By DARREN MILLER
GENEVA, Ohio — When he touched sand after a sixth and final attempt in the men’s long jump Thursday, University of Iowa junior James Carter sparked a celebration inside SPIRE Institute that seemingly lasted 25 minutes, 1.25 seconds.
Carter’s clutch career-best effort of 25-feet, 1 1/4-inches (7.65 meters) not only sent him to the top of the Big Ten Conference long jump podium, but it set off an extended reaction of yells, hugs and high fives among Hawkeye coaches and student-athletes. Carter picked a perfect time to ignite a flurry of madness. While the men were wrapping up the first of three days of competition at the Big Ten Indoor Track and Field Championships, the women were trickling into the venue to warm up for their opening session.
Before his final attempt, all eyes were on Carter, who placed fifth in the long jump at the 2020 Big Ten Indoor Championships. He flew higher this time.
“It felt better than I imagined,” Carter said. “It was a great feeling, especially being swarmed by my teammates. I was doing it for myself, but I was also doing it for them. To know I made them proud and I made my family proud is a great feeling.”
Carter, a native of Oak Creek, Wisconsin, entered the weekend with a long jump best of 24-7, set last January when he was third at a competition in Kentucky. His top mark this season was the 22-11 ¼ from two weeks ago at the Hawkeye B1G Invitational in the University of Iowa Recreation Building. Among the 21 other competitors in Thursday’s long jump competition, Carter’s seed mark ranked 16th. In other words, a long, long sand pit from scoring points, let alone earning a medal.
“We came here with a plan to dominate in that event. We executed.”James Carter
Twice this season Carter was quarantined because of the coronavirus. During an indoor season with its share of downs, he kept his focus and finished on top.
Iowa assistant coach Clive Roberts expected Carter to earn gold. Roberts, who coaches Hawkeye sprinters and horizontal jumpers, saw Carter building toward the conference championship.
“From a training standpoint, we knew he had it in him,” Roberts said. “James is a big-time competitor, so it was expected.”
Jumping fourth in the first flight, Carter fouled on his first attempt. He then advanced to the final with back-to-back leaps of 24-2 ½ and 24-3. Those quality efforts, although not personal bests, were enough to put Carter momentarily ahead of the field. He opened finals with a foul, and after four jumps, Carter slipped to third in the standings behind Clarence Foote-Tall of Ohio State and teammate Jamal Britt. Carter’s fifth jump was 23-5 ¼, but Foote-Tall extended his lead with a jump of 24-8 ½, and teammate Deandre Stapleton landed 24-3 ¾ to bump him into fourth.
“It’s the last jump, I have to make it count,” Carter said. “I know I wasn’t winning, and I came here with a goal to win. My teammates jumped well, and I wanted to back that up.”
The performance by Carter was a highlight for a Hawkeye group that included five of the top nine long jumpers in the Big Ten. Britt finished with a bronze medal (24-5 ¾), Stapleton was fourth (24-3 ¾), Kaleba Jack was seventh (23-7 ½) and Austin West made the final and finished ninth (23-2 ¾). West passed on half his jumps to preserve his legs since he was simultaneously in a heated competition in the heptathlon.

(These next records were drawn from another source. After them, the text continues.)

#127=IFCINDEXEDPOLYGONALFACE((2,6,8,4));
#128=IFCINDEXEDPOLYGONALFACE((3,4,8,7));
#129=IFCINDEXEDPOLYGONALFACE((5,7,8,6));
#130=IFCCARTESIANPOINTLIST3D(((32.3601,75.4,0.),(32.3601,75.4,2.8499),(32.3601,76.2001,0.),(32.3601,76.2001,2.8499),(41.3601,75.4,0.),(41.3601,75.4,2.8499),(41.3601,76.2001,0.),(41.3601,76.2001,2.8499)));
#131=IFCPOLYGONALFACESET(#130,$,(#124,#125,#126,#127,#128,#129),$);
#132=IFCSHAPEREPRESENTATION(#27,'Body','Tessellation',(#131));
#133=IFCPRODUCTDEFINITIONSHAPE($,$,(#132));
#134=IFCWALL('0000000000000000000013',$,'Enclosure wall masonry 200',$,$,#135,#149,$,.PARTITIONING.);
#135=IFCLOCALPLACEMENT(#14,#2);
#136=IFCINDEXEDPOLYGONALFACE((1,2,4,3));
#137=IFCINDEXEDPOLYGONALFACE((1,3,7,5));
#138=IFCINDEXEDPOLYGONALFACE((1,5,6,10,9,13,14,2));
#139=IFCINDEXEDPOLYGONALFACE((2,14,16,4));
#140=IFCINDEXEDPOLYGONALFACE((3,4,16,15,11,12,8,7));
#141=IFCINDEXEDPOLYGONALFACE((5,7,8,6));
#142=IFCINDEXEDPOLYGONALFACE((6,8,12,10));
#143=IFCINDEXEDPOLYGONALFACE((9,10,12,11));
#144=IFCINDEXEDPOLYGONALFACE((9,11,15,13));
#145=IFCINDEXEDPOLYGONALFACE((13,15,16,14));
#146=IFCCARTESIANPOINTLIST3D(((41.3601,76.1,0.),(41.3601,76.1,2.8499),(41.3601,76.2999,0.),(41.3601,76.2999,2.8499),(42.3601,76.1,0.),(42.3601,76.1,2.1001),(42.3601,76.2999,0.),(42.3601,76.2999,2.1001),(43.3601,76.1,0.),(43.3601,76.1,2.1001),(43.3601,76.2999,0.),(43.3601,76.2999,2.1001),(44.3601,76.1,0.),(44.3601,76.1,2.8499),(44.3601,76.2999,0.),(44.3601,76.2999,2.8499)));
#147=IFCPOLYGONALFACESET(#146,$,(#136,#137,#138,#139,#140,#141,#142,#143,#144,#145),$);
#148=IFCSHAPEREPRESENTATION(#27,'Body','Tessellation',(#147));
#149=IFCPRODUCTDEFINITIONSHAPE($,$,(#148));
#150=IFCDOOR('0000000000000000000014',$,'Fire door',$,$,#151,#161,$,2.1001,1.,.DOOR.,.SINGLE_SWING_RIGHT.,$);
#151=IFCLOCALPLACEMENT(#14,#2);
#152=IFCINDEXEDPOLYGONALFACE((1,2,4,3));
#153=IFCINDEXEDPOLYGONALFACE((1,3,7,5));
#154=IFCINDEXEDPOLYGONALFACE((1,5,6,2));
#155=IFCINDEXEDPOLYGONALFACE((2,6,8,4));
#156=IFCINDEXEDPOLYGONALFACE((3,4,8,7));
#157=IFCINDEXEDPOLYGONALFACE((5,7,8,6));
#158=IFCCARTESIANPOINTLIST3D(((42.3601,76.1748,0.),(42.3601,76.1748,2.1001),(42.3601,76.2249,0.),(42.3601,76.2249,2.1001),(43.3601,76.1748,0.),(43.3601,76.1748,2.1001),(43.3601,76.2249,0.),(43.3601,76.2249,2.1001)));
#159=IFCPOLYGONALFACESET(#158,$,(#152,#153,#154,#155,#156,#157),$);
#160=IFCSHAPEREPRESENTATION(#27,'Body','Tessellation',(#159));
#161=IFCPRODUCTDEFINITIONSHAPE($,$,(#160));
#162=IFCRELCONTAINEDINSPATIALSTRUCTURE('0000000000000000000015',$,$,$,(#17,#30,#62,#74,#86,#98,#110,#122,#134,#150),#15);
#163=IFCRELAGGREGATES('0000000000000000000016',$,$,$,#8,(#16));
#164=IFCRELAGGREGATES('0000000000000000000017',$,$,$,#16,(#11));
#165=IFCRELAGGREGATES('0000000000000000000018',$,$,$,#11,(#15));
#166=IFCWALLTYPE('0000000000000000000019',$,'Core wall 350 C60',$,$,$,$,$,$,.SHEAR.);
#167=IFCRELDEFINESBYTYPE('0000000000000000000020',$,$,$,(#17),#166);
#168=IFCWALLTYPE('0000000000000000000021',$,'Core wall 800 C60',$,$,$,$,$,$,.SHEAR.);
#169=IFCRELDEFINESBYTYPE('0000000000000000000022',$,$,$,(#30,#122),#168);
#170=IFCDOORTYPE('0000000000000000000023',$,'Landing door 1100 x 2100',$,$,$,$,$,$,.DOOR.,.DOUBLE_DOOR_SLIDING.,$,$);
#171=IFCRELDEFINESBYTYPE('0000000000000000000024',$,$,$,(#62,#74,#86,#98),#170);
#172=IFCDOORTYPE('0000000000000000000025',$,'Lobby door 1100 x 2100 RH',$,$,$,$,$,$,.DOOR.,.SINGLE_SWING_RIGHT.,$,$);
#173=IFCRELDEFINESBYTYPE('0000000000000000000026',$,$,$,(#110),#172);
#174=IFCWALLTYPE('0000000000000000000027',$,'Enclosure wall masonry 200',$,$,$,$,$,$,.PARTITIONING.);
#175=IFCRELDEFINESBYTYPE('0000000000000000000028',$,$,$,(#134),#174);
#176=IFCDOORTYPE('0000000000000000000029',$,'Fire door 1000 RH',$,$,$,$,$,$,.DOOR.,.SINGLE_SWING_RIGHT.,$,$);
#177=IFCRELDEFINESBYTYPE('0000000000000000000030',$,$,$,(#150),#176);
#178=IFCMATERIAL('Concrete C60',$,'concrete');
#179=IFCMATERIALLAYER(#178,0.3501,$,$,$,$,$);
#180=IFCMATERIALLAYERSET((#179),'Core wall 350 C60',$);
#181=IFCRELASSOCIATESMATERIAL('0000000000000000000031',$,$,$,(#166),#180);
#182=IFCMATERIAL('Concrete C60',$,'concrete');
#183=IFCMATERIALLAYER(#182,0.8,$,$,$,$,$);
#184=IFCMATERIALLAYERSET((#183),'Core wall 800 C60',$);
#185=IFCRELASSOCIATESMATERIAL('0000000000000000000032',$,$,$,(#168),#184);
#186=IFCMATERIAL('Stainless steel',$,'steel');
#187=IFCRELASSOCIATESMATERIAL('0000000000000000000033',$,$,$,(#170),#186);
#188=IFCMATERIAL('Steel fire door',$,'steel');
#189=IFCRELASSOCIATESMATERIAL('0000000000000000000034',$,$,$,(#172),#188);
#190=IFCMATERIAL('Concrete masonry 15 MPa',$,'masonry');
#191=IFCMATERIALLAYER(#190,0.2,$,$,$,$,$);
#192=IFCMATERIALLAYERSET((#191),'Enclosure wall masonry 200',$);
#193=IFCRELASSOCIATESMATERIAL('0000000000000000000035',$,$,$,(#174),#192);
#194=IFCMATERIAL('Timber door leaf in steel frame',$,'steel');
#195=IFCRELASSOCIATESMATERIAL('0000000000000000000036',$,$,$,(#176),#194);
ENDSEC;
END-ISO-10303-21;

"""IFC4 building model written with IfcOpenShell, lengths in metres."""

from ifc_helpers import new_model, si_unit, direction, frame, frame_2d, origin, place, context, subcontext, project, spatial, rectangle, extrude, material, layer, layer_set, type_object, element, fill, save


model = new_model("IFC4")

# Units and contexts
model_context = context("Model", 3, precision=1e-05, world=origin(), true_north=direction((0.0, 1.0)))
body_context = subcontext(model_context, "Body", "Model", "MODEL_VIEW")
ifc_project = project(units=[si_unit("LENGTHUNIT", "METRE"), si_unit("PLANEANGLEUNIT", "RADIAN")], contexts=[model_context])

“We came here and knew we used our wild card in the long jump,” Roberts said. “Only 39 points can be scored and to be able to score 23 of those makes a big difference. You want to put doubt in everyone in the conference; when it comes to the horizontal jumps, the points are going to the University of Iowa.”
The quartet of Carter, Britt, Stapleton and Jack secured four of the top seven positions — and points are at a premium as Iowa pursues its first outright indoor track and field team championships since 1929. The Hawkeyes shared the championship with Michigan in 1963 and were runners-up a year ago by 13 ½ points to Indiana. They know how valuable points are in a meet of this magnitude. They are so important, that when you find a way to uncover a few extra — like Iowa did in the long jump — it sets off a celebration.